# Paratilapia polleni setting up to spawn



## notho2000 (Dec 8, 2012)

A three years old pair of Paratilapia polleni have staked out a small territory beside a rock and backed by a chunk of driftwood. They are keeping other tank inhabitants away from the area, and are looking like they "mean business".


----------



## KingPiccolo SB (Oct 12, 2012)

Have you managed to spawn them before this?

I have a pair that the male has been trying to spawn for a month or so he occasionally vibrates all over the female but she doesn't pay much attention to him.


----------



## notho2000 (Dec 8, 2012)

KingPiccolo SB said:


> Have you managed to spawn them before this?
> 
> I have a pair that the male has been trying to spawn for a month or so he occasionally vibrates all over the female but she doesn't pay much attention to him.

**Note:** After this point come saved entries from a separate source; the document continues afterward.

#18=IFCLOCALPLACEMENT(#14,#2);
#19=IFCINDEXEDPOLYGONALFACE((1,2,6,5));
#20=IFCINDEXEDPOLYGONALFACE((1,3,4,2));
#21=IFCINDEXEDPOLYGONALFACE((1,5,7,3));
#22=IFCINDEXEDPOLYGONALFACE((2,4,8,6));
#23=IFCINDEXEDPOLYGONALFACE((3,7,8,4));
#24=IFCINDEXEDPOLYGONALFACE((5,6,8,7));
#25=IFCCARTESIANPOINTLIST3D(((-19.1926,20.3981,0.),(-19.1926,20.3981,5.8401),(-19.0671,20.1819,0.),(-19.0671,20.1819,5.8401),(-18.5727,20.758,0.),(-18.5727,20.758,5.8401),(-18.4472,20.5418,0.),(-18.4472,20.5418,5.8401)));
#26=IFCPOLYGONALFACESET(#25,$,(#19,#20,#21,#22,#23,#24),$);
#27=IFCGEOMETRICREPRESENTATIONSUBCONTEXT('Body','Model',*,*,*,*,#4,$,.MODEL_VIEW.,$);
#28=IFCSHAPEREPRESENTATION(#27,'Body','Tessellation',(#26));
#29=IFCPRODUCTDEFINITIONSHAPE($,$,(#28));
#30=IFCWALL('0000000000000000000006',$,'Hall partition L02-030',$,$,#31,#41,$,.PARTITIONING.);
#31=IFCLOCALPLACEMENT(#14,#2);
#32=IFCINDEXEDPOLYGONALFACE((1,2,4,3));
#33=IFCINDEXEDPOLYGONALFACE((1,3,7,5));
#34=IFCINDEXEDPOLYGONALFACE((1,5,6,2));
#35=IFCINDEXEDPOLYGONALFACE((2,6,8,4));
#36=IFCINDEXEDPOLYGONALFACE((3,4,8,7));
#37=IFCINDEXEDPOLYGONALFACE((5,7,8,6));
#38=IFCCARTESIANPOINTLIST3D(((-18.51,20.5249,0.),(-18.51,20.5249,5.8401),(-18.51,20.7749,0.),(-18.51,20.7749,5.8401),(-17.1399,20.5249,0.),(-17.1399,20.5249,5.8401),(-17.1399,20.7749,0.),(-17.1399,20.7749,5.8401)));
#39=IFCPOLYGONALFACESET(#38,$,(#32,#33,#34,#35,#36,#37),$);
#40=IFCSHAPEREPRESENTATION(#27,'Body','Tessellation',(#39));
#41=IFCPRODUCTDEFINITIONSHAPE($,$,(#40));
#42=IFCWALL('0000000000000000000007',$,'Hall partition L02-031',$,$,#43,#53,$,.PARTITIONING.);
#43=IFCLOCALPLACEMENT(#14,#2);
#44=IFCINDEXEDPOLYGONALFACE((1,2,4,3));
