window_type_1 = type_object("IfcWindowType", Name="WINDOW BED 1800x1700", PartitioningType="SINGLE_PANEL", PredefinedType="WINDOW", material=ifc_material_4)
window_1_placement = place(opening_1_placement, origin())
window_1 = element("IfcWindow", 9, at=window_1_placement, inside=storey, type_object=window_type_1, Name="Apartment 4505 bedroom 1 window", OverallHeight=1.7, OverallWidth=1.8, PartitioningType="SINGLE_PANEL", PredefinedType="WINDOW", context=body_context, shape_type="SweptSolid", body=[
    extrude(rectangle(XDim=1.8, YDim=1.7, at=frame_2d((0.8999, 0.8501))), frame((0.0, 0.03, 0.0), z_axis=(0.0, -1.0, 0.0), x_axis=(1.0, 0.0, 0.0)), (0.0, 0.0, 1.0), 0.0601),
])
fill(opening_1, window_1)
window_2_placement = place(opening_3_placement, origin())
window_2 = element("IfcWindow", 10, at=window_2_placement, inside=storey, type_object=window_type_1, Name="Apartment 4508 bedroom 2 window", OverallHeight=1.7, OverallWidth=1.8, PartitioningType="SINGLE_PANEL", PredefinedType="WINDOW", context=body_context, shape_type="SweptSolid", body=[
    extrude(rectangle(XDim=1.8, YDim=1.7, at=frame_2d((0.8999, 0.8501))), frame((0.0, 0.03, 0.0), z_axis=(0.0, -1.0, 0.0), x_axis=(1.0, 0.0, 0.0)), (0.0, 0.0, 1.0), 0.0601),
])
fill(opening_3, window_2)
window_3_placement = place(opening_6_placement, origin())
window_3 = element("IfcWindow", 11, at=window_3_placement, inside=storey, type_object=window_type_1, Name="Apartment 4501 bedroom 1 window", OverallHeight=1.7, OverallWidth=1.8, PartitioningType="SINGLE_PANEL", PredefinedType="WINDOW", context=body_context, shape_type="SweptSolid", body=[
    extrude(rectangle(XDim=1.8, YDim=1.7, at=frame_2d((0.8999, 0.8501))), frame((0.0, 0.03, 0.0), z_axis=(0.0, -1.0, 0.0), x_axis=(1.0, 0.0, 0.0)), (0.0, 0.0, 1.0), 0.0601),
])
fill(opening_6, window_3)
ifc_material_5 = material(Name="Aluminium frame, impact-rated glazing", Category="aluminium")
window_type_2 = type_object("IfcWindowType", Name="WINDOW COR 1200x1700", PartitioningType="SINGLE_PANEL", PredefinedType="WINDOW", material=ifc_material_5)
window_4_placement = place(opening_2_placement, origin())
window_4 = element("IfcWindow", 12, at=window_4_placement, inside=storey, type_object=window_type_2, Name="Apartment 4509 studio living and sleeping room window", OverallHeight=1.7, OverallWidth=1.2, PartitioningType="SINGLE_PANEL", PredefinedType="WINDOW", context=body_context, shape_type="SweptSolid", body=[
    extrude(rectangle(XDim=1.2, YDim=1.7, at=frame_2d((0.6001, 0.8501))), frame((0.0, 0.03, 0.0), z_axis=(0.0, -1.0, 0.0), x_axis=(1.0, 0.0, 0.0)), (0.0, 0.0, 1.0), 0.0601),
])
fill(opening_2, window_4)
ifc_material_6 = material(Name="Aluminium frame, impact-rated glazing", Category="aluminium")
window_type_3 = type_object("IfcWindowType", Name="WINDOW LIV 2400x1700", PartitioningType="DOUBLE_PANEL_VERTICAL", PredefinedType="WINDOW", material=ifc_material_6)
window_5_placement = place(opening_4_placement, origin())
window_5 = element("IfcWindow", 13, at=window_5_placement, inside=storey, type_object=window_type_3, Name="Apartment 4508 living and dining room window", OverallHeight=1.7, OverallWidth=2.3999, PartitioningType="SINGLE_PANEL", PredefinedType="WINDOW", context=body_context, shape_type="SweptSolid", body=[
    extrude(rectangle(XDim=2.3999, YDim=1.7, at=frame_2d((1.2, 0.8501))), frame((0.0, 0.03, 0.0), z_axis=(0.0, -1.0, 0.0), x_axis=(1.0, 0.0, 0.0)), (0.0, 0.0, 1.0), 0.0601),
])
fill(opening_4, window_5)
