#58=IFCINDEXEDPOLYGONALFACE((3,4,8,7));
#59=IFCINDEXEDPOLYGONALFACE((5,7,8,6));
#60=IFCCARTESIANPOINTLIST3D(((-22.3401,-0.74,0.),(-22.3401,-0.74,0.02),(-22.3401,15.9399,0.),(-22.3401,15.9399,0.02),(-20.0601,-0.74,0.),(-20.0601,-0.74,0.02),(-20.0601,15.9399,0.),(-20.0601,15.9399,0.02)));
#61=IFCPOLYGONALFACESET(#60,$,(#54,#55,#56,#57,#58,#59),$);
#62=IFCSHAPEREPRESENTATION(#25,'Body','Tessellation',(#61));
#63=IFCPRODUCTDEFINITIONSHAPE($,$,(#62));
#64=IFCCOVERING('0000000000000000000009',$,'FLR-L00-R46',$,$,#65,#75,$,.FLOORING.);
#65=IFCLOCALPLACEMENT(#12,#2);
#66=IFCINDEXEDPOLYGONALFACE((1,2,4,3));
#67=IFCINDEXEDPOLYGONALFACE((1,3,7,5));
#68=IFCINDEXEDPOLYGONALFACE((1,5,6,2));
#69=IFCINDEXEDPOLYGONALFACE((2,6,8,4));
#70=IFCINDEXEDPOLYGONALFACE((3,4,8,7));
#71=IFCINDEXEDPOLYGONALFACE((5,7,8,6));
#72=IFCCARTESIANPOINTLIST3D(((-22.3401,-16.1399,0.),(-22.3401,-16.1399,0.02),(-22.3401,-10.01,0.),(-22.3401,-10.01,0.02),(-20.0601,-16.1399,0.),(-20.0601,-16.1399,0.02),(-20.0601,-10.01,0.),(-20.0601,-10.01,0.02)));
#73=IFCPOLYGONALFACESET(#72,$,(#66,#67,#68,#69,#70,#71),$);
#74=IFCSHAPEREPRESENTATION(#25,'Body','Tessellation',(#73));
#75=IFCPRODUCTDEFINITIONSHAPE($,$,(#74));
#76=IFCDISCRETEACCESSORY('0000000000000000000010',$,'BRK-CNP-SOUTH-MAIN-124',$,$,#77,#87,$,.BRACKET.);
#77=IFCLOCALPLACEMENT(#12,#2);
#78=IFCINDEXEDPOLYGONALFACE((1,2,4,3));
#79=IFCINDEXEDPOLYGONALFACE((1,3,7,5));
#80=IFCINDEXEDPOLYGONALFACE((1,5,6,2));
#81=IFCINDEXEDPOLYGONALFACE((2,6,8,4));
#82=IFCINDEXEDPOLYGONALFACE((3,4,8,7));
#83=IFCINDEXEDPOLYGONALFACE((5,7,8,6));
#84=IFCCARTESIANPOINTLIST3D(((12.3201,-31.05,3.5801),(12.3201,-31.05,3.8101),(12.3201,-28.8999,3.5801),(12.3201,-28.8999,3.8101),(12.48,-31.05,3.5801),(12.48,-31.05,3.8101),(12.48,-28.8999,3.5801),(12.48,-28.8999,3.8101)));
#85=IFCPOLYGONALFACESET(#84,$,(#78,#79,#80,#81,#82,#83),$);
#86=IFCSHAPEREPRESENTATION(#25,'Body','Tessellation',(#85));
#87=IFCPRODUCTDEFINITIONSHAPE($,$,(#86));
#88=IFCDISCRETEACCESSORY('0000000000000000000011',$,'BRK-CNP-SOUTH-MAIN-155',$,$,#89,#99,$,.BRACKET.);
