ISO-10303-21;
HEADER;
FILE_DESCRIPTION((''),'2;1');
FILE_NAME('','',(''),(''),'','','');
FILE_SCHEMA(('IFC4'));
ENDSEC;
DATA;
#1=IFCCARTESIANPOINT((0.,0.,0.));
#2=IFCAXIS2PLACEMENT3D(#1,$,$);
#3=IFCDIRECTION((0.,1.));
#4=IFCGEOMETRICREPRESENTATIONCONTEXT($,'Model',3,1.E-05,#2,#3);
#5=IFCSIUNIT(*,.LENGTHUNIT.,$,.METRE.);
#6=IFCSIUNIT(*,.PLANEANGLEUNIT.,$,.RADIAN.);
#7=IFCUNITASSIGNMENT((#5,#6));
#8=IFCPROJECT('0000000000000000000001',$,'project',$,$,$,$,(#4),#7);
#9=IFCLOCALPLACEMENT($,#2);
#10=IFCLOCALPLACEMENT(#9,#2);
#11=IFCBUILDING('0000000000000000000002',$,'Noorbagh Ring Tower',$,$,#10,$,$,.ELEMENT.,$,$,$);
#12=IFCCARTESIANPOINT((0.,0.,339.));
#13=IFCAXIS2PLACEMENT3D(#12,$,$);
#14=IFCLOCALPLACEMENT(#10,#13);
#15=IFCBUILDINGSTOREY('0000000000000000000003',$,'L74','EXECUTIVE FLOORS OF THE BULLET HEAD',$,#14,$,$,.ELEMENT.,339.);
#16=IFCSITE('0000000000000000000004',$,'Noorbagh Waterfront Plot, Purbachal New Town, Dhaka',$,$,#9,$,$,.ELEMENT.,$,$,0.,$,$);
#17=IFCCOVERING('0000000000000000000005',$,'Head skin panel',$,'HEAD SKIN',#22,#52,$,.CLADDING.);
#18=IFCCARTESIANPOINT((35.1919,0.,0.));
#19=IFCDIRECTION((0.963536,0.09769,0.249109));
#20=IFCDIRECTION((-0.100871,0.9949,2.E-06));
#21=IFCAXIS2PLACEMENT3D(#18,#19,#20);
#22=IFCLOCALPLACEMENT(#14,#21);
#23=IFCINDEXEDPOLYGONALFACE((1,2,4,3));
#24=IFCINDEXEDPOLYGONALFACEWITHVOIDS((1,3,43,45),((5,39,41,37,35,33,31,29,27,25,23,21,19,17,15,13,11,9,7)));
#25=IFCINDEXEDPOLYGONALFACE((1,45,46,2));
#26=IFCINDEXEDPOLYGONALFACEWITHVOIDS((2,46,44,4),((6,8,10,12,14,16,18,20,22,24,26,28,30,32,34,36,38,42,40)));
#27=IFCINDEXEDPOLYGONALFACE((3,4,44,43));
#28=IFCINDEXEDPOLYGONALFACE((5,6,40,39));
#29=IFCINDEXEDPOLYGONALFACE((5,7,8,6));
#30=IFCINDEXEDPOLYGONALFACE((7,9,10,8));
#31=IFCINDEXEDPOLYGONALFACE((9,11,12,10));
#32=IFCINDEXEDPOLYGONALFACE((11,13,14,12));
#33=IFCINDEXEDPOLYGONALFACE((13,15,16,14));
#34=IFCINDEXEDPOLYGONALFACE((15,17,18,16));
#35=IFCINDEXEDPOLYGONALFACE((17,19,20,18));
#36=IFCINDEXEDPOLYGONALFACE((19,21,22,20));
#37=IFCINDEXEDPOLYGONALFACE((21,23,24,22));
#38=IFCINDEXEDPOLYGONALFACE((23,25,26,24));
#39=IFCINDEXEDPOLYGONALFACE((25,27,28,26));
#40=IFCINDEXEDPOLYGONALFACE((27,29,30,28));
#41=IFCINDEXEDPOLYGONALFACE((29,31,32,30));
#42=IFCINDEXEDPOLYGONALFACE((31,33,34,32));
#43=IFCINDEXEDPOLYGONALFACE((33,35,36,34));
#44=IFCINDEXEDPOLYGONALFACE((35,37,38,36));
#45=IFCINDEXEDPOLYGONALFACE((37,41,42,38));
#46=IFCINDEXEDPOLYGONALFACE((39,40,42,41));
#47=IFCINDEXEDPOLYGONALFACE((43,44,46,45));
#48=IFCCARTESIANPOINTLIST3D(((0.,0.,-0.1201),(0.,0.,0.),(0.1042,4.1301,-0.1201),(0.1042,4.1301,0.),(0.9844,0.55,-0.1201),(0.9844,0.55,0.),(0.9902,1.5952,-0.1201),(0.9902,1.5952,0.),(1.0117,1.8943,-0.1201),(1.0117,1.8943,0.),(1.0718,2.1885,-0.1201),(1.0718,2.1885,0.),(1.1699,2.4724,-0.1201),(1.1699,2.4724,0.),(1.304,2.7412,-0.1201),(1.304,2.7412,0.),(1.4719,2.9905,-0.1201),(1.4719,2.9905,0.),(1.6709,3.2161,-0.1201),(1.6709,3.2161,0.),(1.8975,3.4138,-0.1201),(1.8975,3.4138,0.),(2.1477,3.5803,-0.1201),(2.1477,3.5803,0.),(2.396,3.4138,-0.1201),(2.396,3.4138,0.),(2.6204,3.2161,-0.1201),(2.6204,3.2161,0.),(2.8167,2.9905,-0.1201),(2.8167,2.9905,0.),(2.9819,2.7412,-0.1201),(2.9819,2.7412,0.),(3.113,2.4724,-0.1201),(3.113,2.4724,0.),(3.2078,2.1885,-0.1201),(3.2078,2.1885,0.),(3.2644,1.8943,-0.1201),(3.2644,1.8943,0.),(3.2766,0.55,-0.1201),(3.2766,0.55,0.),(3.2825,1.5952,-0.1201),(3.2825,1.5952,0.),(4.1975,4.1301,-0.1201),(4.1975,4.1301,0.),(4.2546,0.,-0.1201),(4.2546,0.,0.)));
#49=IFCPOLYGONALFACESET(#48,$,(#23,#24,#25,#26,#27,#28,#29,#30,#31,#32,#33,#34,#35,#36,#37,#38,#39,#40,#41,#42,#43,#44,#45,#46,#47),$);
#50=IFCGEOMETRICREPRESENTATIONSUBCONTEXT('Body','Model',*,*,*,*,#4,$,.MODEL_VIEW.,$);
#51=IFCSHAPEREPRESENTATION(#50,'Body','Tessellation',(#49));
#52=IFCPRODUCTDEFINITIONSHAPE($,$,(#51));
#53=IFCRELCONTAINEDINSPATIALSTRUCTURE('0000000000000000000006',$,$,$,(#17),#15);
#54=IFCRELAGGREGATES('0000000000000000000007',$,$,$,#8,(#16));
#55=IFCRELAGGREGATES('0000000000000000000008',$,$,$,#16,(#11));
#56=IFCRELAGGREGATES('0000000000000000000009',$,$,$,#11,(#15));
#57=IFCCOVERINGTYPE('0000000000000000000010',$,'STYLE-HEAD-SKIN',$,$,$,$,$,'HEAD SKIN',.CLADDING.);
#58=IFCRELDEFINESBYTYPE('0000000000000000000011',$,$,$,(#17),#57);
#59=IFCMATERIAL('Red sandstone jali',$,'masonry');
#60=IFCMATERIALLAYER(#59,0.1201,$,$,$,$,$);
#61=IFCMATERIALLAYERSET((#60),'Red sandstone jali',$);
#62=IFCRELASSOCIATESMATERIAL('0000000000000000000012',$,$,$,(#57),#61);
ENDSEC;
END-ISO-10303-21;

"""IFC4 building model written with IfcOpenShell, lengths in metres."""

from ifc_helpers import new_model, si_unit, direction, frame, origin, place, context, subcontext, project, spatial, polyline, outline, extrude, material, layer, layer_set, type_object, element, save


model = new_model("IFC4")

# Units and contexts
model_context = context("Model", 3, precision=1e-05, world=origin(), true_north=direction((0.0, 1.0)))
body_context = subcontext(model_context, "Body", "Model", "MODEL_VIEW")
ifc_project = project(units=[si_unit("LENGTHUNIT", "METRE"), si_unit("PLANEANGLEUNIT", "RADIAN")], contexts=[model_context])

# Site, building, storey
site_placement = place(None, origin())
site = spatial("IfcSite", under=ifc_project, at=site_placement, Name="Noorbagh Waterfront Plot, Purbachal New Town, Dhaka", CompositionType="ELEMENT", RefElevation=0.0)
building_placement = place(site_placement, origin())
building = spatial("IfcBuilding", under=site, at=building_placement, Name="Noorbagh Ring Tower", CompositionType="ELEMENT")
storey_placement = place(building_placement, frame((0.0, 0.0, 339.0)))
storey = spatial("IfcBuildingStorey", under=building, at=storey_placement, Name="L74", Description="EXECUTIVE FLOORS OF THE BULLET HEAD", CompositionType="ELEMENT", Elevation=339.0)

# Covering
ifc_material_1 = material(Name="Red sandstone jali", Category="masonry")
ifc_layer_1 = layer(ifc_material_1, 0.1201)
ifc_layer_set_1 = layer_set([ifc_layer_1], Name="Red sandstone jali")
covering_type_1 = type_object("IfcCoveringType", Name="STYLE-HEAD-SKIN", ElementType="HEAD SKIN", PredefinedType="CLADDING", material=ifc_layer_set_1)
covering_1_placement = place(storey_placement, frame((35.1919, 0.0, 0.0), z_axis=(0.963536, 0.09769, 0.249109), x_axis=(-0.100871, 0.9949, 0.000002)))
element("IfcCovering", 1, at=covering_1_placement, inside=storey, type_object=covering_type_1, Name="Head skin panel", ObjectType="HEAD SKIN", PredefinedType="CLADDING", context=body_context, shape_type="SweptSolid", body=[
    extrude(outline(polyline([(0.0, 0.0), (4.2546, 0.0), (4.1975, 4.1301), (0.1042, 4.1301), (0.0, 0.0)]), holes=[polyline([(0.9844, 0.55), (0.9902, 1.5952), (1.0117, 1.8943), (1.0718, 2.1885), (1.1699, 2.4724), (1.304, 2.7412), (1.4719, 2.9905), (1.6709, 3.2161), (1.8975, 3.4138), (2.1477, 3.5803), (2.396, 3.4138), (2.6204, 3.2161), (2.8167, 2.9905), (2.9819, 2.7412), (3.113, 2.4724), (3.2078, 2.1885), (3.2644, 1.8943), (3.2825, 1.5952), (3.2766, 0.55), (0.9844, 0.55)])]), origin(), (0.0, 0.0, -1.0), 0.1201),
])

save(model, "model.ifc")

Yes, I've had them spawn two or three times that I know of. I just kept fry from one spawn. Here's a pic of the pair with their fry.


----------



## KingPiccolo SB (Oct 12, 2012)

That's a great picture and the parents are really nice fish, these are my favorite cichlid of any that i've kept. I hope my spawn.


----------



## notho2000 (Dec 8, 2012)

Thanks. I hope your pair comes through for you. :thumb:


----------